Before Eddo-Lodge, the last book I read by a black author was either Americanah, by Chimamanda Ngozi Adiche, or Born a Crime, by Trevor Noah.

I considered continuing to only read Black authors, but I knew the problems on my bookshelf went beyond a lack of Black representation. And I also knew that the female authors on my bookshelf contributed to most of its diversity. What if I focused on reading authors of color while maintaining a broad openness to authors from all over the world? What if I committed to reading only women for the remainder of the year? What would I learn about what women write, which women I’d missed reading, and why my bookshelf was so white?

Lessons Learned #1: Women Write about Things I Care About

My reading objective is usually to quench my curiosity, without consideration to the author. And somehow, that has most often meant that I’m reading men. Is it that men write more books about subjects I care about? Since my new objective was representation and diversity, I figured I would start with that as a subject, too.

So I turned to my “meaning to read that” list and found Bernardine Evaristo’s Girl, Woman, Other. Although this had been in the back of my mind since it won the Booker prize in 2019, I had always found something that captured my momentary interests more, and thus hadn’t read it. The book experiments cleverly with form, telling a sprawling family history through a dozen fresh feminist perspectives. And little did I know, it touched on my favorite themes of identity and family history, subjects I’ve often sought out on their own. It was an amazing anytime-read. I followed it up with more stories of Black Britishness and read Zadie Smith’s Swing Time, which had a lot of resonance with the novel I have been writing. Although I’d been reading travel memoirs as comps to what I’m working on, Smith’s book gave me a different take on the idea that I’d been trying to flesh out.

Changing my author priorities didn’t change my reading topics, it simply gave me new perspectives on them.

Lessons Learned #2: You Guys, We All Don’t Read Enough Women

One of my not-so-diverse bookshelves, which includes three books by women (*le sigh*).

In casual conversation, I ended up telling a few friends about this task I’d set for myself.

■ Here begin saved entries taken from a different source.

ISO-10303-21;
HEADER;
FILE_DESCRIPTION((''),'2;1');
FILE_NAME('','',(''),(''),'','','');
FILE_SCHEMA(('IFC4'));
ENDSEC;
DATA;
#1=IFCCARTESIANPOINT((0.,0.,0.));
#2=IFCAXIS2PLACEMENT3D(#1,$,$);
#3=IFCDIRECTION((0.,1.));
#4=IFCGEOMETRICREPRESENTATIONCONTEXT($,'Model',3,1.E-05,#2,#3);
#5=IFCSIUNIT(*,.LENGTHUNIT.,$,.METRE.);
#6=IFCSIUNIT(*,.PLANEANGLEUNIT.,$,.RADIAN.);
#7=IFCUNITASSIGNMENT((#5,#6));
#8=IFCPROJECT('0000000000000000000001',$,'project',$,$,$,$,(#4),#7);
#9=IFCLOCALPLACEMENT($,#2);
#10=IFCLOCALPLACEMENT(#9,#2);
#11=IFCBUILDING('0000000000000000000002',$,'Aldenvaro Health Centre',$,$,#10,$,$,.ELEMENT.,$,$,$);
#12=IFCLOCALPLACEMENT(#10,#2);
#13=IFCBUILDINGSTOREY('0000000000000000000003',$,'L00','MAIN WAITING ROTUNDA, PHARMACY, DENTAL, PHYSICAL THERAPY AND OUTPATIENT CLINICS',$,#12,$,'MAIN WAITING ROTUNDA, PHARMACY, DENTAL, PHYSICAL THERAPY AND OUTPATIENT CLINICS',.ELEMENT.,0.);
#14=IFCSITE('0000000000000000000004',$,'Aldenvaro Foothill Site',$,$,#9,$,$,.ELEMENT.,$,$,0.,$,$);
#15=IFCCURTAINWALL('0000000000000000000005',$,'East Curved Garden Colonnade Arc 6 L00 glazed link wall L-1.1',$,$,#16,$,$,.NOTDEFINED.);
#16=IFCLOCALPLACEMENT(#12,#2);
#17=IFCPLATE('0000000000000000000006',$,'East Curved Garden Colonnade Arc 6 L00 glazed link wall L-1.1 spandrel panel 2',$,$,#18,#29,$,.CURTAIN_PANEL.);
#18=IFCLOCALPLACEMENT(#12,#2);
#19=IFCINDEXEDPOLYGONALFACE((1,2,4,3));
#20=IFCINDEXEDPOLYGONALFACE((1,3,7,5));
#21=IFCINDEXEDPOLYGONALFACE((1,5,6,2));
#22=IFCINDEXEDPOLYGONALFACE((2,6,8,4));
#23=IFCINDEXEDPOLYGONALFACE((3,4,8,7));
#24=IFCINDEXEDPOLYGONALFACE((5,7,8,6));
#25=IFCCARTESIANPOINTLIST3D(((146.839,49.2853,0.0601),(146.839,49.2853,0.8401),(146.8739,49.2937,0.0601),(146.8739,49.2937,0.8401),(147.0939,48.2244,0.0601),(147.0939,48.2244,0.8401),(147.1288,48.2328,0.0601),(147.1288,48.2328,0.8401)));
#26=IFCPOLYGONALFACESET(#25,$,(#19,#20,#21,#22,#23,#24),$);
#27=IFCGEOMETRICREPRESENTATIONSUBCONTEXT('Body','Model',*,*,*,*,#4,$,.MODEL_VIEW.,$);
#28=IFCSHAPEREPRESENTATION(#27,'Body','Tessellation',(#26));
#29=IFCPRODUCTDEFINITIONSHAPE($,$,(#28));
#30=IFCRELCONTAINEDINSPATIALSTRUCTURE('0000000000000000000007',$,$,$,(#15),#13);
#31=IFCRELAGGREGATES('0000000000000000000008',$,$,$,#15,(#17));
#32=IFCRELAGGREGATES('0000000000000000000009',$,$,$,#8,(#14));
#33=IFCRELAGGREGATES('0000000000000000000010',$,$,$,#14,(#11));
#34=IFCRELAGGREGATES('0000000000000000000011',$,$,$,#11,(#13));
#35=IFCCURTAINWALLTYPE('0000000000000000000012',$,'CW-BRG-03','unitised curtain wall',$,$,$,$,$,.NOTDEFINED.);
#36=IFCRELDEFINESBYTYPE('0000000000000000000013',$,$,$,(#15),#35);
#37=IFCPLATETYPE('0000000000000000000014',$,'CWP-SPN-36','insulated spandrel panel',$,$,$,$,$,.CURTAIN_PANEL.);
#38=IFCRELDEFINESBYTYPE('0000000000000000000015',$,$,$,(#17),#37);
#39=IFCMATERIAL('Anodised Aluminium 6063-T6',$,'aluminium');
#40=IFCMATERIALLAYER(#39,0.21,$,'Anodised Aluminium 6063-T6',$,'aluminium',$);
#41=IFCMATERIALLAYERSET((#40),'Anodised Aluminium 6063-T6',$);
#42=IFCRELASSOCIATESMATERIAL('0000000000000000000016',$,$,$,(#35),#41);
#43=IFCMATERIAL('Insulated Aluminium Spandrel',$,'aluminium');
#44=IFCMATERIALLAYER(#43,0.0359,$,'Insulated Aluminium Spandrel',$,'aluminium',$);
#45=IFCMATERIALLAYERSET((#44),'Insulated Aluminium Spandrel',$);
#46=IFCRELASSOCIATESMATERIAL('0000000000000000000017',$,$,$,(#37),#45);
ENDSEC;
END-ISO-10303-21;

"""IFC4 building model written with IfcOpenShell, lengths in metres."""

from ifc_helpers import new_model, si_unit, direction, frame, origin, origin_2d, place, context, subcontext, project, spatial, rectangle, extrude, material, layer, layer_set, type_object, element, aggregate, save


model = new_model("IFC4")

# Units and contexts
model_context = context("Model", 3, precision=1e-05, world=origin(), true_north=direction((0.0, 1.0)))
body_context = subcontext(model_context, "Body", "Model", "MODEL_VIEW")
ifc_project = project(units=[si_unit("LENGTHUNIT", "METRE"), si_unit("PLANEANGLEUNIT", "RADIAN")], contexts=[model_context])

# Site, building, storey
site_placement = place(None, origin())
site = spatial("IfcSite", under=ifc_project, at=site_placement, Name="Aldenvaro Foothill Site", CompositionType="ELEMENT", RefElevation=0.0)
building_placement = place(site_placement, origin())
building = spatial("IfcBuilding", under=site, at=building_placement, Name="Aldenvaro Health Centre", CompositionType="ELEMENT")
storey_placement = place(building_placement, origin())
storey = spatial("IfcBuildingStorey", under=building, at=storey_placement, Name="L00", Description="MAIN WAITING ROTUNDA, PHARMACY, DENTAL, PHYSICAL THERAPY AND OUTPATIENT CLINICS", LongName="MAIN WAITING ROTUNDA, PHARMACY, DENTAL, PHYSICAL THERAPY AND OUTPATIENT CLINICS", CompositionType="ELEMENT", Elevation=0.0)

# Curtain wall
ifc_material_1 = material(Name="Anodised Aluminium 6063-T6", Category="aluminium")
ifc_layer_1 = layer(ifc_material_1, 0.21, Name="Anodised Aluminium 6063-T6", Category="aluminium")
ifc_layer_set_1 = layer_set([ifc_layer_1], Name="Anodised Aluminium 6063-T6")
curtain_wall_type = type_object("IfcCurtainWallType", Name="CW-BRG-03", Description="unitised curtain wall", PredefinedType="NOTDEFINED", material=ifc_layer_set_1)
curtain_wall_1_placement = place(storey_placement, origin())
curtain_wall_1 = element("IfcCurtainWall", 1, at=curtain_wall_1_placement, inside=storey, type_object=curtain_wall_type, Name="East Curved Garden Colonnade Arc 6 L00 glazed link wall L-1.1", PredefinedType="NOTDEFINED")

# Plate
ifc_material_2 = material(Name="Insulated Aluminium Spandrel", Category="aluminium")
ifc_layer_2 = layer(ifc_material_2, 0.0359, Name="Insulated Aluminium Spandrel", Category="aluminium")
ifc_layer_set_2 = layer_set([ifc_layer_2], Name="Insulated Aluminium Spandrel")
plate_type_1 = type_object("IfcPlateType", Name="CWP-SPN-36", Description="insulated spandrel panel", PredefinedType="CURTAIN_PANEL", material=ifc_layer_set_2)
plate_1_placement = place(storey_placement, frame((146.9839, 48.759, 0.0601), z_axis=(0.0, 0.0, 1.0), x_axis=(0.233644, -0.972322, 0.0)))
plate_1 = element("IfcPlate", 2, at=plate_1_placement, type_object=plate_type_1, Name="East Curved Garden Colonnade Arc 6 L00 glazed link wall L-1.1 spandrel panel 2", PredefinedType="CURTAIN_PANEL", context=body_context, shape_type="SweptSolid", body=[
    extrude(rectangle(XDim=1.0911, YDim=0.0359, at=origin_2d()), origin(), (0.0, 0.0, 1.0), 0.78),
])
aggregate(curtain_wall_1, [plate_1])

save(model, "model.ifc")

From women, I often received an affirmative nod, and maybe a few recommendations.

But not always.

Some people (men and women) asked me why, or told me what a shame it was that I wasn’t reading X, Y or Z author they recommended. Two of them literally gave me books by men.

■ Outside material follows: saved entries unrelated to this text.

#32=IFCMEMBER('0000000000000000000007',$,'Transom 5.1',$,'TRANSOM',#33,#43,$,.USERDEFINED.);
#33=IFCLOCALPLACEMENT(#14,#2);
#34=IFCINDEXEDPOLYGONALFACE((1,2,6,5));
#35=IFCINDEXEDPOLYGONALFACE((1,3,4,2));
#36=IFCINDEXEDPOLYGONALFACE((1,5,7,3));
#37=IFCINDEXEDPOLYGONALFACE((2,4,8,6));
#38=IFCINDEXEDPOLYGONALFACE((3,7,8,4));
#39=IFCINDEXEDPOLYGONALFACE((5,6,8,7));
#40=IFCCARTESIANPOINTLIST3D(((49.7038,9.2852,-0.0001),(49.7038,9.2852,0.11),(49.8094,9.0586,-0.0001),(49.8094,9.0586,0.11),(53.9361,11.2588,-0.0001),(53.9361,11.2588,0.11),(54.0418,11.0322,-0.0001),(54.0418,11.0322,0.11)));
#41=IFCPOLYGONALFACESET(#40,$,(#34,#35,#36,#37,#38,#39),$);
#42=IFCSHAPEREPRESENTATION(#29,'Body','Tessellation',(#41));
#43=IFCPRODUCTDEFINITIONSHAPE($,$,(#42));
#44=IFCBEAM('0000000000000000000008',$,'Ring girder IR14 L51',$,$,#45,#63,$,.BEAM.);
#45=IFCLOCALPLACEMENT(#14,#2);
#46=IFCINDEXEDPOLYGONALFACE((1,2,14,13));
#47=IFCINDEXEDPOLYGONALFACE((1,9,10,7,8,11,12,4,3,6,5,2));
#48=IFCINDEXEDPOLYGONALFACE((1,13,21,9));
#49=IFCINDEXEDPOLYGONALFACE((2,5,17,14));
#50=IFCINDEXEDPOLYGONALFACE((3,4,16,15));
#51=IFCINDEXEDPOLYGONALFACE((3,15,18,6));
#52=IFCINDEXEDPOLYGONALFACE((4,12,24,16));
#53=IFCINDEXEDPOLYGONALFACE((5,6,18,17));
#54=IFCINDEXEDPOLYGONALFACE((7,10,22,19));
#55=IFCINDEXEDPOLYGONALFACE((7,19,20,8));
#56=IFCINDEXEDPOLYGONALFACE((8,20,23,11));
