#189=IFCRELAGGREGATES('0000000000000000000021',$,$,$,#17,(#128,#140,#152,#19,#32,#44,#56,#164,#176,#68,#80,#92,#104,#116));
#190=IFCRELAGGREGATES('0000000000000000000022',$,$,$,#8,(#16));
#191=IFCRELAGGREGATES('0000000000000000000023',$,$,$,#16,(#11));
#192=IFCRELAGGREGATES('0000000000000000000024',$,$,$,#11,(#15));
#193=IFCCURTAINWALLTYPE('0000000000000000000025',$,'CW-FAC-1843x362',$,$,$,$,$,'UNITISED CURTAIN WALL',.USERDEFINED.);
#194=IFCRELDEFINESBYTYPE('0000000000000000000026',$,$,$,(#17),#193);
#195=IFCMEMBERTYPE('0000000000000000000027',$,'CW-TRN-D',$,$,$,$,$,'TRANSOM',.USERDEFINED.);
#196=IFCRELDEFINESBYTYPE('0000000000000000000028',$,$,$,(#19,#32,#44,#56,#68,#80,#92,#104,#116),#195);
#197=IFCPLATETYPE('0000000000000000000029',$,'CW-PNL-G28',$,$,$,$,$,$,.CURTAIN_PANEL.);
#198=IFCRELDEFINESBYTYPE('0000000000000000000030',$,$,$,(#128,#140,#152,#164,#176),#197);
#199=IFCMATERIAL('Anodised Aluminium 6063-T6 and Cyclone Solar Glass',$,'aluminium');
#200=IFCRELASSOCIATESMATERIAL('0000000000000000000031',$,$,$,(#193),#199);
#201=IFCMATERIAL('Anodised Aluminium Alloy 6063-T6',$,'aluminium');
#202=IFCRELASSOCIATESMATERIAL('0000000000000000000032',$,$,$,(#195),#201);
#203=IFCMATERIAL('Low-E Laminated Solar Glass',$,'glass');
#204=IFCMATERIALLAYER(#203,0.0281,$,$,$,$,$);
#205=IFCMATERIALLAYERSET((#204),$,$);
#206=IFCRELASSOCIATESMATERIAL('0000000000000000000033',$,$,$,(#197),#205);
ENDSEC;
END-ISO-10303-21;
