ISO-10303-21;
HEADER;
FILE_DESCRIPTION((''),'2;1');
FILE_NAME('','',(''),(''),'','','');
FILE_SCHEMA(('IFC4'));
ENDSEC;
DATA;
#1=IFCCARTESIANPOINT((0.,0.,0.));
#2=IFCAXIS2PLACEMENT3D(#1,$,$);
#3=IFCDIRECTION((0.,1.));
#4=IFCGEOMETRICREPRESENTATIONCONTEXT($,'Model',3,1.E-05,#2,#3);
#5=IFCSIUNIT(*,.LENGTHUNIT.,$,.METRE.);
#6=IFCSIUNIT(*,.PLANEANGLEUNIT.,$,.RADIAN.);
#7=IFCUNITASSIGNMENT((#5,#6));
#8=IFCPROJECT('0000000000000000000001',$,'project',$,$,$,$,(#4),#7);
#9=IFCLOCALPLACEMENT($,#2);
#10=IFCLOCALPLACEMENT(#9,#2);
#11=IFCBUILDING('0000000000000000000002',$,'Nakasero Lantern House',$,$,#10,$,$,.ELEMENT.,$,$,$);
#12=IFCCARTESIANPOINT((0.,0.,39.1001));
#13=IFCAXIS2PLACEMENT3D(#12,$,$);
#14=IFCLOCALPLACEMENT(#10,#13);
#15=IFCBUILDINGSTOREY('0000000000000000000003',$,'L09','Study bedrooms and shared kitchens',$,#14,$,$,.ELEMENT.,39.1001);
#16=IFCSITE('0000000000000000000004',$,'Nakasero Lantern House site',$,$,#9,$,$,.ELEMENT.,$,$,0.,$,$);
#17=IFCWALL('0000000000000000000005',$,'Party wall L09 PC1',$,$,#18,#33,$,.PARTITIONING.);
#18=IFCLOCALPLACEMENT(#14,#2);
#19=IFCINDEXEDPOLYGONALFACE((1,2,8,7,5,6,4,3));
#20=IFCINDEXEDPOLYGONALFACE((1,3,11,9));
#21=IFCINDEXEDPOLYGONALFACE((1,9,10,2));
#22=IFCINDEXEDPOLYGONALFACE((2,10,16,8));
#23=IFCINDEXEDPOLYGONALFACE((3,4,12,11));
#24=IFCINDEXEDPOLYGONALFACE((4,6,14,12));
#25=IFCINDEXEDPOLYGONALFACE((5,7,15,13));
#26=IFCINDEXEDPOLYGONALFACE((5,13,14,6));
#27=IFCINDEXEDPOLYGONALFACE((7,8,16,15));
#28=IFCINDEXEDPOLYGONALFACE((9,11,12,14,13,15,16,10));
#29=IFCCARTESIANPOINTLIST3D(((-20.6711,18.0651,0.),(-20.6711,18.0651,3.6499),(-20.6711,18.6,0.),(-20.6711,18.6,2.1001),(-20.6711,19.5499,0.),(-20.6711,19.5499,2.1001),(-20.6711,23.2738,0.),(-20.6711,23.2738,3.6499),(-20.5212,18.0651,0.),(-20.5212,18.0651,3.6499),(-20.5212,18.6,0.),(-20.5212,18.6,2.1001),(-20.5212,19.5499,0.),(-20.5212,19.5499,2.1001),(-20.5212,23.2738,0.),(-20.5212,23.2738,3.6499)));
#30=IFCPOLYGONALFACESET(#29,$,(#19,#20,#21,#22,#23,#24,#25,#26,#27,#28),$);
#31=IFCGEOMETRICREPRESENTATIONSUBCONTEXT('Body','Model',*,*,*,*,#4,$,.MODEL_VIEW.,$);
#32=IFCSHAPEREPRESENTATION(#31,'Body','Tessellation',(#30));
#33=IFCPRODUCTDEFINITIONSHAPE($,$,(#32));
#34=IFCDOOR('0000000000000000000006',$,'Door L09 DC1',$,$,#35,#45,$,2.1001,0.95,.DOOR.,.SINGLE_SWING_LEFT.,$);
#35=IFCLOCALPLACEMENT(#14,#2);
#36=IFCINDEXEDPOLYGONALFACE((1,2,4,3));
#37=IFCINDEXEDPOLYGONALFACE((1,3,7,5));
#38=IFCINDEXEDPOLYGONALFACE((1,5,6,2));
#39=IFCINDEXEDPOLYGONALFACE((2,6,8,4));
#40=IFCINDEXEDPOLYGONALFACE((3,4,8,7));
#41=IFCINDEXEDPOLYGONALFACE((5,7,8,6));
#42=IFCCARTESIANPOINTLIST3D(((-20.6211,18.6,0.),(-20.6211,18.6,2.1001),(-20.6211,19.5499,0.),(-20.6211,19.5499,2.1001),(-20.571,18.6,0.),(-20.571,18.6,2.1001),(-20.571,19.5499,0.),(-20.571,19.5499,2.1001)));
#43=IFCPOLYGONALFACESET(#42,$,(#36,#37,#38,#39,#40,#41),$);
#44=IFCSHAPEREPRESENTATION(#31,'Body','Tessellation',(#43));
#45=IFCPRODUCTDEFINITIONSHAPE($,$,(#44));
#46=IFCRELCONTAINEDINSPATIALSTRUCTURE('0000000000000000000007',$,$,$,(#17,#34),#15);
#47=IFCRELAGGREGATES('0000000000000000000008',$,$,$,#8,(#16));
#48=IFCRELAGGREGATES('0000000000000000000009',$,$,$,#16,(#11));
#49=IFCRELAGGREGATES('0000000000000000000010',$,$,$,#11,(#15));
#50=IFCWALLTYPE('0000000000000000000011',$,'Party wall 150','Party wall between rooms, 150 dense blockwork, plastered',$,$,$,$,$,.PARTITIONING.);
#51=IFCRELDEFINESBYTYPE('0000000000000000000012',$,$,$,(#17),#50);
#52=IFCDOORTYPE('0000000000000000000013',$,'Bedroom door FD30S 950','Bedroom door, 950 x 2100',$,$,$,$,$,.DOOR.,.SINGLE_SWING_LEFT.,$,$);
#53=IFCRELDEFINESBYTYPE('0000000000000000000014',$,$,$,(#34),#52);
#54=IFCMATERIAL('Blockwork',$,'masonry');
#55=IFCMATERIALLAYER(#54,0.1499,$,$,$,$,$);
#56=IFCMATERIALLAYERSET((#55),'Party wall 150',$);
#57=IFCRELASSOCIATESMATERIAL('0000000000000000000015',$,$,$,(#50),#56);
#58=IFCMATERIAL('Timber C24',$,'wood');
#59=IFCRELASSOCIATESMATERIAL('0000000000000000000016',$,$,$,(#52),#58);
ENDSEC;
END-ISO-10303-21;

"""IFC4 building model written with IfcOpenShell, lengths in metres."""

from ifc_helpers import new_model, si_unit, direction, frame, frame_2d, origin, place, context, subcontext, project, spatial, rectangle, extrude, material, layer, layer_set, type_object, element, fill, save


model = new_model("IFC4")

# Units and contexts
model_context = context("Model", 3, precision=1e-05, world=origin(), true_north=direction((0.0, 1.0)))
body_context = subcontext(model_context, "Body", "Model", "MODEL_VIEW")
ifc_project = project(units=[si_unit("LENGTHUNIT", "METRE"), si_unit("PLANEANGLEUNIT", "RADIAN")], contexts=[model_context])

# Site, building, storey
site_placement = place(None, origin())
site = spatial("IfcSite", under=ifc_project, at=site_placement, Name="Nakasero Lantern House site", CompositionType="ELEMENT", RefElevation=0.0)
building_placement = place(site_placement, origin())
building = spatial("IfcBuilding", under=site, at=building_placement, Name="Nakasero Lantern House", CompositionType="ELEMENT")
storey_placement = place(building_placement, frame((0.0, 0.0, 39.1001)))
storey = spatial("IfcBuildingStorey", under=building, at=storey_placement, Name="L09", Description="Study bedrooms and shared kitchens", CompositionType="ELEMENT", Elevation=39.1001)

# Wall, opening, door
ifc_material_1 = material(Name="Blockwork", Category="masonry")
ifc_layer_1 = layer(ifc_material_1, 0.1499)
ifc_layer_set_1 = layer_set([ifc_layer_1], Name="Party wall 150")
wall_type_1 = type_object("IfcWallType", Name="Party wall 150", Description="Party wall between rooms, 150 dense blockwork, plastered", PredefinedType="PARTITIONING", material=ifc_layer_set_1)
wall_1_placement = place(storey_placement, frame((-20.5962, 18.0649, 0.0), z_axis=(0.0, 0.0, 1.0), x_axis=(0.0, 1.0, 0.0)))
wall_1 = element("IfcWall", 1, at=wall_1_placement, inside=storey, type_object=wall_type_1, Name="Party wall L09 PC1", PredefinedType="PARTITIONING", context=body_context, shape_type="SweptSolid", body=[
    extrude(rectangle(XDim=5.2087, YDim=0.1499, at=frame_2d((2.6045, 0.0))), origin(), (0.0, 0.0, 1.0), 3.6499),
])
opening_1_placement = place(wall_1_placement, frame((0.5349, 0.0, 0.0)))
opening_1 = element("IfcOpeningElement", 2, at=opening_1_placement, cuts=wall_1, PredefinedType="OPENING", context=body_context, shape_type="SweptSolid", body=[
    extrude(rectangle(XDim=0.95, YDim=2.1001, at=frame_2d((0.4751, 1.05))), frame((0.0, 0.095, 0.0), z_axis=(0.0, -1.0, 0.0), x_axis=(1.0, 0.0, 0.0)), (0.0, 0.0, 1.0), 0.1899),
])
ifc_material_2 = material(Name="Timber C24", Category="wood")
door_type_1 = type_object("IfcDoorType", Name="Bedroom door FD30S 950", Description="Bedroom door, 950 x 2100", OperationType="SINGLE_SWING_LEFT", PredefinedType="DOOR", material=ifc_material_2)
door_1_placement = place(opening_1_placement, origin())
door_1 = element("IfcDoor", 3, at=door_1_placement, inside=storey, type_object=door_type_1, Name="Door L09 DC1", OperationType="SINGLE_SWING_LEFT", OverallHeight=2.1001, OverallWidth=0.95, PredefinedType="DOOR", context=body_context, shape_type="SweptSolid", body=[
    extrude(rectangle(XDim=0.95, YDim=2.1001, at=frame_2d((0.4751, 1.05))), frame((0.0, 0.0249, 0.0), z_axis=(0.0, -1.0, 0.0), x_axis=(1.0, 0.0, 0.0)), (0.0, 0.0, 1.0), 0.05),
])
fill(opening_1, door_1)

save(model, "model.ifc")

Often, if I had asked for a book recommendation before stating my #JustReadingWomen qualification, friends would recommend books by male authors. Once I stated my preference though, different and new recommendations would come. Women as a “second thought,” as it were. Only one person — a man — who I had asked for a book recommendation without stating my #JustReadingWomen requirement recommended a female author.

Although women seem to read more female authors than men, it’s clear that people of all genders don’t read enough women, or recommend them enough.

Lessons Learned #3: How Bookstores Curate Books Matters

Looking at the book displays in bookstores became a new experience. Sometime in the summer, I walked into a well-trafficked indie bookstore and started picking up titles. I wanted to read them all but would put down each one just as quickly as I picked it up when I saw it was written by a man. Skimming an entire section of posed and advertised books (ones that lie flat, and not on their spines), I noticed about a dozen male authors and two female authors.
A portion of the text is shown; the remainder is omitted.